Back in the days when we didn't have our own blog, we were nonetheless keeping track of our fellow bloggers' comments, ideas and discussions on our books. 

So, before anything else, here are our belated thanks to all those who enjoyed our books and were kind enough to tell the web about them:

  • Back in March, in the middle of the Hesperus week, stuck-in-a-book Simon found out about Capuchin Classics. His interview with our chรขtelaine Emma Howard can be read here, and makes for an excellent introduction to our series. We also really enjoyed Simon's reviews of Michael Arlen's The Green Hat (particularly the "witty treacle" metaphor!) and of Pamela Hansford Johnson's An Error of Judgement. 
  • In April, the bookaholic Dovegreyreader was impressed by An Error of Judgement; she also anticipated our publication of her "old favourite" Green Dolphin Country by Elizabeth Goudge, which has since then come out with a new introduction by best-selling author Eileen Goudge (you can get the new edition here).

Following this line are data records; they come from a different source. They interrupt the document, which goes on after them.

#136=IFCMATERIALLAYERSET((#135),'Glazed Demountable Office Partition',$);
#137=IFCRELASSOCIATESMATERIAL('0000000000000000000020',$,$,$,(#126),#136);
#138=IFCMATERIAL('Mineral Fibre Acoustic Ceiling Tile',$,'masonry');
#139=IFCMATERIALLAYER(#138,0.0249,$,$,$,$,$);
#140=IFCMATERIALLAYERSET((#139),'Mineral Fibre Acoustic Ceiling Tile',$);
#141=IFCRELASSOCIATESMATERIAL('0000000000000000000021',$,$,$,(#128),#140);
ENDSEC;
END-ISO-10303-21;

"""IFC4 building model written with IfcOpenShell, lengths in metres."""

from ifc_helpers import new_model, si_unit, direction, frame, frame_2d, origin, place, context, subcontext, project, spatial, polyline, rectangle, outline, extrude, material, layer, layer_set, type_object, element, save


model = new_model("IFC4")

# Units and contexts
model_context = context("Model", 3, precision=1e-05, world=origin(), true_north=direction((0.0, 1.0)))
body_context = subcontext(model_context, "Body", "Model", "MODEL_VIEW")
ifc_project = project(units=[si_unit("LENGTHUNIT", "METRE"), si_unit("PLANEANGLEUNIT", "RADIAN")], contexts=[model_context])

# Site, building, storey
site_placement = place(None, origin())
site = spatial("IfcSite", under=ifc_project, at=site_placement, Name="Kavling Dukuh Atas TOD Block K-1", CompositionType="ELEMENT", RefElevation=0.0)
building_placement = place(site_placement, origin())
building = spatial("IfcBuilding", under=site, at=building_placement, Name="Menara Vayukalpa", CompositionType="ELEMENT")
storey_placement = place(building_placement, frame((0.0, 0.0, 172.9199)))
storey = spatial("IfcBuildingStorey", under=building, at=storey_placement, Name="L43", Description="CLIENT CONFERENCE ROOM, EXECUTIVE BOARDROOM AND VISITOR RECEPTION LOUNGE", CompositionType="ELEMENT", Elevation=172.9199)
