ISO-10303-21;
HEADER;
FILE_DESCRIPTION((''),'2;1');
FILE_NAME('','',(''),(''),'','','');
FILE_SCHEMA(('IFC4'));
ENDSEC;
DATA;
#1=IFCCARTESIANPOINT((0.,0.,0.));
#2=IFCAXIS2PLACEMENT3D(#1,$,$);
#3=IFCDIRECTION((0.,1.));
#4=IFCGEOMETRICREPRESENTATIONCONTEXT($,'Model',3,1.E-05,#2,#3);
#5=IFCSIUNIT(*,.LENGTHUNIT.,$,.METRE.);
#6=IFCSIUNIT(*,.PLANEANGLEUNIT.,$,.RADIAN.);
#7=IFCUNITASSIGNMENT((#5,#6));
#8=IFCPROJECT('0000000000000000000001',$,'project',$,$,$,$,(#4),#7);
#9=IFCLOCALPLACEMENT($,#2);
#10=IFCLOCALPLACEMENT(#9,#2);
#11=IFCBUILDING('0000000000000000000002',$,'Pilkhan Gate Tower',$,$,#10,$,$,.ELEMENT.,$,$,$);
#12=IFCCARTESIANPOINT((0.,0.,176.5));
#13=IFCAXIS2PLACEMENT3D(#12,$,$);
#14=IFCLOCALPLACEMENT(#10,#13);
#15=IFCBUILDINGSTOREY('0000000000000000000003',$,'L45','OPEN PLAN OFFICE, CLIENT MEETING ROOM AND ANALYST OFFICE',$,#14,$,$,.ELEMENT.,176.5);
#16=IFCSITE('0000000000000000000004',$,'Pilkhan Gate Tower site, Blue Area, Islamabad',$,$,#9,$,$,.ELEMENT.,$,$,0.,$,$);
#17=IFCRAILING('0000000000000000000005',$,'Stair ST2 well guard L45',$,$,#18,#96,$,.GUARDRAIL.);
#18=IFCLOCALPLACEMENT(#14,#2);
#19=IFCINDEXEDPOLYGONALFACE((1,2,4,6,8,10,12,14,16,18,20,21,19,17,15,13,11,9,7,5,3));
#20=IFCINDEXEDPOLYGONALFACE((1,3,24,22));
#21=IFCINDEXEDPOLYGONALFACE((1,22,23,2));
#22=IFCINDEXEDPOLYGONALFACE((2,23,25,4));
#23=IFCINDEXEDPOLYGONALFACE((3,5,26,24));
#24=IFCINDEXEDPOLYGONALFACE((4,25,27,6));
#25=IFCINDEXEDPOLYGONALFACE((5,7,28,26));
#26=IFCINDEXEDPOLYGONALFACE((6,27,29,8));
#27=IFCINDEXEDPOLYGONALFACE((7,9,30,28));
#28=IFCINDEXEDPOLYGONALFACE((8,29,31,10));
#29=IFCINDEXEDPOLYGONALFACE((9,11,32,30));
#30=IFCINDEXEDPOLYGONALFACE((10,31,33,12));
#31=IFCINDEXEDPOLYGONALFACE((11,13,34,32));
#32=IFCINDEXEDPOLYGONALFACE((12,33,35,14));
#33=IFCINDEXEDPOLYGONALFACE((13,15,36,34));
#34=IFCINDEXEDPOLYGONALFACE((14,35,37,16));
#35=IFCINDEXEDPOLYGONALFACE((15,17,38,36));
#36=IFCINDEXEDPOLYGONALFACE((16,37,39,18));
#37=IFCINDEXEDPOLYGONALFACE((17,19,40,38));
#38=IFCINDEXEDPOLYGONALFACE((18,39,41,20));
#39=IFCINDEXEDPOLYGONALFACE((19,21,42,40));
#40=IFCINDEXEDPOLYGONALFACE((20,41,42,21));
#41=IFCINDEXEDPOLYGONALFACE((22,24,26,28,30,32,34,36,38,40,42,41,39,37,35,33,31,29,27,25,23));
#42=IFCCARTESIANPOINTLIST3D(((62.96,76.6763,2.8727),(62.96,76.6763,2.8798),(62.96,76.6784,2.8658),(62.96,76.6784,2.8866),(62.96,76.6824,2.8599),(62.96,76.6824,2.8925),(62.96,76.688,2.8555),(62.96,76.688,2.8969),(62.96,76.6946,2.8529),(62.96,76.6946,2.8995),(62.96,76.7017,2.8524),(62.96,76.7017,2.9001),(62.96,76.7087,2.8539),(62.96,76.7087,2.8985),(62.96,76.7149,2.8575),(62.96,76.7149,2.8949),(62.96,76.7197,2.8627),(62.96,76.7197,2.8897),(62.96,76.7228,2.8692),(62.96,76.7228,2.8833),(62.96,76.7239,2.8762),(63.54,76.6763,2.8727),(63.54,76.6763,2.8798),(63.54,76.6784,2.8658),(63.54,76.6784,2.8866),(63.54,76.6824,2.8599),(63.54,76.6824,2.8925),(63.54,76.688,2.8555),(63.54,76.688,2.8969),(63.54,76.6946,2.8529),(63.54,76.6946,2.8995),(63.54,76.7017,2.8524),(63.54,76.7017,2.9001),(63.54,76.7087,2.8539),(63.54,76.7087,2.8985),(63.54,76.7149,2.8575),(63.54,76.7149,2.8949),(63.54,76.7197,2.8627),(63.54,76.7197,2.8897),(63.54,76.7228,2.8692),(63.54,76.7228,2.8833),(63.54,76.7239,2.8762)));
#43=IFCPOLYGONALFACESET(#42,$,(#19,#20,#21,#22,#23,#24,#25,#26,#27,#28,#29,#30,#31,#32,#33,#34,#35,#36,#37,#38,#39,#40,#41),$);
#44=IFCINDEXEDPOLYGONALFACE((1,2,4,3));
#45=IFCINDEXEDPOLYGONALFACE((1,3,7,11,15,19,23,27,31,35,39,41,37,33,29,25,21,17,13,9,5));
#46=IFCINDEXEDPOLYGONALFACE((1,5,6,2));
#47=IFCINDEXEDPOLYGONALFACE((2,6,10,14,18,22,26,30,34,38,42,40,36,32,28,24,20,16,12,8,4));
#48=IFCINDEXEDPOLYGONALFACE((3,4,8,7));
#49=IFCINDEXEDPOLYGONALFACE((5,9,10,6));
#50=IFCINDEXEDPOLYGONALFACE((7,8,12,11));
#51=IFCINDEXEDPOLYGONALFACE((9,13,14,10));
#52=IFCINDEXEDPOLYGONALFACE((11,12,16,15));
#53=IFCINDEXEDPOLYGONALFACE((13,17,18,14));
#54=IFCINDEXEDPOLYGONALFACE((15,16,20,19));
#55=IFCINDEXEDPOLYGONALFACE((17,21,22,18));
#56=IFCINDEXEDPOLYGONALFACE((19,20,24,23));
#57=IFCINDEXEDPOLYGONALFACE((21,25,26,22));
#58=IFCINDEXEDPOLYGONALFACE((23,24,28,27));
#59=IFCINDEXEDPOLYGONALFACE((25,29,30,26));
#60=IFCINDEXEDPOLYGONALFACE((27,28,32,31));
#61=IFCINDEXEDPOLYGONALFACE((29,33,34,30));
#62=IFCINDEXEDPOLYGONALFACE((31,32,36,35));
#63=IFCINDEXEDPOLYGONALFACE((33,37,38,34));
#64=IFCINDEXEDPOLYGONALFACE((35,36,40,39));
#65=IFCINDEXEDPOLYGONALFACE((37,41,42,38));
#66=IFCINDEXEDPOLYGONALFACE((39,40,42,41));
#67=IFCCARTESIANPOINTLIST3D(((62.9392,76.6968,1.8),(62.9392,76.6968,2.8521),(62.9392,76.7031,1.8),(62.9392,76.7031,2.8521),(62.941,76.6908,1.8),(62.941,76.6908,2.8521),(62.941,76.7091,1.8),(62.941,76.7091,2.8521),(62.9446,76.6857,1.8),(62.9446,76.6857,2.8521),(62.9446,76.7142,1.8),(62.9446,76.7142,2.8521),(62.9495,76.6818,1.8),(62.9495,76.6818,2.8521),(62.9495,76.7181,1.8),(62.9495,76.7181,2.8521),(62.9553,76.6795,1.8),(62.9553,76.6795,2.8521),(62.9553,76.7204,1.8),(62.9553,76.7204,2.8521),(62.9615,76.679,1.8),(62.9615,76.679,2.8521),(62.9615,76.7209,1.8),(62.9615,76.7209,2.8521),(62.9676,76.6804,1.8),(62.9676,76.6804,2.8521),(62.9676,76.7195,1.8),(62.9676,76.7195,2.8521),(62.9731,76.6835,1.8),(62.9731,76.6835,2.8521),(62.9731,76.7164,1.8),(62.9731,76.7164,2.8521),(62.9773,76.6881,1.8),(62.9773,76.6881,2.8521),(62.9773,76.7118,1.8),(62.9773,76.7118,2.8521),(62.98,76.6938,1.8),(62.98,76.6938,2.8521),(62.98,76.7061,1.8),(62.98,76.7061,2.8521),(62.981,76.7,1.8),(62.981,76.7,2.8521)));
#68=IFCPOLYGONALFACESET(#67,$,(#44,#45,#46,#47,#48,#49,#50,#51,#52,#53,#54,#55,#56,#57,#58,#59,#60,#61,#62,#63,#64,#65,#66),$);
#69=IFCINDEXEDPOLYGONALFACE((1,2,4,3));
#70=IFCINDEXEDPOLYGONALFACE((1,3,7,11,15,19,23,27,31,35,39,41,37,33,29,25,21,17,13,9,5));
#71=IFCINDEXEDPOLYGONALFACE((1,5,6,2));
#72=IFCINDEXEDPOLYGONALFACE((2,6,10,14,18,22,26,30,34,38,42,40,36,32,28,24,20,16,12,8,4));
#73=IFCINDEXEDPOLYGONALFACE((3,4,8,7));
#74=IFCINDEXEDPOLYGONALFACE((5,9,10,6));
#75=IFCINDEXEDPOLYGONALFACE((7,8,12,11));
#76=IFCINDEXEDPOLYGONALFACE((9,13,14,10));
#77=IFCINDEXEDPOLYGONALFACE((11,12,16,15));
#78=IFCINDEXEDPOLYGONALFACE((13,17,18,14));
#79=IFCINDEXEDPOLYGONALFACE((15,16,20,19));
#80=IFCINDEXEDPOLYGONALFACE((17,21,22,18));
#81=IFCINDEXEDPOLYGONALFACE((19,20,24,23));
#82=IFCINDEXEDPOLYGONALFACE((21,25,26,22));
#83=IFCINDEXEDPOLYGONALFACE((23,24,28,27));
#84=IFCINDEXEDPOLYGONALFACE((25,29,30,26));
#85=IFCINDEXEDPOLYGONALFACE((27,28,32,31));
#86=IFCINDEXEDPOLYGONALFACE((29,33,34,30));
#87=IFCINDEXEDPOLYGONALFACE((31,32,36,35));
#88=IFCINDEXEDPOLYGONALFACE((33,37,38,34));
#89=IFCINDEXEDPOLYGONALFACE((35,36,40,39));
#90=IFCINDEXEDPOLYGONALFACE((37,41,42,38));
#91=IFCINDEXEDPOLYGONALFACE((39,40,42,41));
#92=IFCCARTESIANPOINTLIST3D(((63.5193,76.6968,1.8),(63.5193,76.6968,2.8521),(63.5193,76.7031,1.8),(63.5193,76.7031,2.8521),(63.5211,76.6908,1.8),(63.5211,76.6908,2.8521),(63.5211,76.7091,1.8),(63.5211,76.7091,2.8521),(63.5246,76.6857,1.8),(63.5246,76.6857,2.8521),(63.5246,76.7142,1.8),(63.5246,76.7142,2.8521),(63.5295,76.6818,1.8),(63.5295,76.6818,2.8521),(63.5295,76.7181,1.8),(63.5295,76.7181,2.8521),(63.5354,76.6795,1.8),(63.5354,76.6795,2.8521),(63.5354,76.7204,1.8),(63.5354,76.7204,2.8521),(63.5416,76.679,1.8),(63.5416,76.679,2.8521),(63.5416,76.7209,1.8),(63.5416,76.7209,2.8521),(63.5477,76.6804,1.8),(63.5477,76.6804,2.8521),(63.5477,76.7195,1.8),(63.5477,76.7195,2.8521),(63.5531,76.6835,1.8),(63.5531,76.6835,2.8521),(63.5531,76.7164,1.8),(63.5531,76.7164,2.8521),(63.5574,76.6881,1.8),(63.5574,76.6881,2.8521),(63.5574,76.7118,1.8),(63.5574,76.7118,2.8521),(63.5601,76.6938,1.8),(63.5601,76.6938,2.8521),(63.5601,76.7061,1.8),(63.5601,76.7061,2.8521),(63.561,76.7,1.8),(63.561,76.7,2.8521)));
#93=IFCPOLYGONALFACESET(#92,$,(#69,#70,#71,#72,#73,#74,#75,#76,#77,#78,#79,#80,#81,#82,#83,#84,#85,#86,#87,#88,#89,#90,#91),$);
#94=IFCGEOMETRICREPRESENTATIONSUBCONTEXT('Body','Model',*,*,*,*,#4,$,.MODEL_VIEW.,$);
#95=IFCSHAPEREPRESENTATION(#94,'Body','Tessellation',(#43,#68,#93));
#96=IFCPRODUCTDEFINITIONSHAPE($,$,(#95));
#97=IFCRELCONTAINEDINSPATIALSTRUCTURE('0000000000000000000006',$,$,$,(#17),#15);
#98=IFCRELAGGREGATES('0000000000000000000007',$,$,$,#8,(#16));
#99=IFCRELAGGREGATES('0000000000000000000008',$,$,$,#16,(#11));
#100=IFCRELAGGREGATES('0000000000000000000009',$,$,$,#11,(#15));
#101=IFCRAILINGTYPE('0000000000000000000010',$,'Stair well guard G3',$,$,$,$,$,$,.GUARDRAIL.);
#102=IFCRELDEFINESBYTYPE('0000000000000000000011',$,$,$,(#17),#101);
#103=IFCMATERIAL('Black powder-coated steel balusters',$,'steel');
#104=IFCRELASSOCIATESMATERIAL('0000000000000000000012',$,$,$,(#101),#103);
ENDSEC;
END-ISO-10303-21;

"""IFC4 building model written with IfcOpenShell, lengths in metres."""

from ifc_helpers import new_model, si_unit, direction, frame, origin, origin_2d, place, context, subcontext, project, spatial, circle, extrude, material, type_object, element, save


model = new_model("IFC4")

# Units and contexts
model_context = context("Model", 3, precision=1e-05, world=origin(), true_north=direction((0.0, 1.0)))
body_context = subcontext(model_context, "Body", "Model", "MODEL_VIEW")
ifc_project = project(units=[si_unit("LENGTHUNIT", "METRE"), si_unit("PLANEANGLEUNIT", "RADIAN")], contexts=[model_context])

# Site, building, storey
site_placement = place(None, origin())
site = spatial("IfcSite", under=ifc_project, at=site_placement, Name="Pilkhan Gate Tower site, Blue Area, Islamabad", CompositionType="ELEMENT", RefElevation=0.0)
building_placement = place(site_placement, origin())
building = spatial("IfcBuilding", under=site, at=building_placement, Name="Pilkhan Gate Tower", CompositionType="ELEMENT")
storey_placement = place(building_placement, frame((0.0, 0.0, 176.5)))
storey = spatial("IfcBuildingStorey", under=building, at=storey_placement, Name="L45", Description="OPEN PLAN OFFICE, CLIENT MEETING ROOM AND ANALYST OFFICE", CompositionType="ELEMENT", Elevation=176.5)

# Railing
ifc_material_1 = material(Name="Black powder-coated steel balusters", Category="steel")
railing_type_1 = type_object("IfcRailingType", Name="Stair well guard G3", PredefinedType="GUARDRAIL", material=ifc_material_1)
for number, where, name in (
    (1, (62.96, 76.7, 1.8), "Stair ST2 well guard L45"),
):
    element("IfcRailing", number, at=place(storey_placement, frame(where)), inside=storey, type_object=railing_type_1, Name=name, PredefinedType="GUARDRAIL", context=body_context, shape_type="SweptSolid", body=[
        extrude(circle(Radius=0.0239, at=origin_2d()), frame((0.0, 0.0, 1.0762), z_axis=(1.0, 0.0, 0.0), x_axis=(0.0, 1.0, 0.0)), (0.0, 0.0, 1.0), 0.5801),
        extrude(circle(Radius=0.021, at=origin_2d()), origin(), (0.0, 0.0, 1.0), 1.052),
        extrude(circle(Radius=0.021, at=origin_2d()), frame((0.5801, 0.0, 0.0)), (0.0, 0.0, 1.0), 1.052),
    ])

save(model, "model.ifc")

  • In his blog for the Times Online, Peter Stothard, Editor of the Times Literary Supplement, mentioned our new edition of Bram Stoker's Dracula - and, more specifically, the new introduction written for it by award winning broadcaster, journalist and author Anthony Lejeune. Download it here to find out more about Bram Stoker's interest in Irish actors, Sheridan Le Fanu's "dreamy tale of Lesbian vampires" Carmilla, and The Sublime Society of Beef Steaks.
We can't wait to hear more from the book-lovers' online community, and we hope that this blog will provide the opportunity for a many good chats on the books we love (as well as a chance for you to tell us about that one book you have desperately been looking for and would like to keep alive).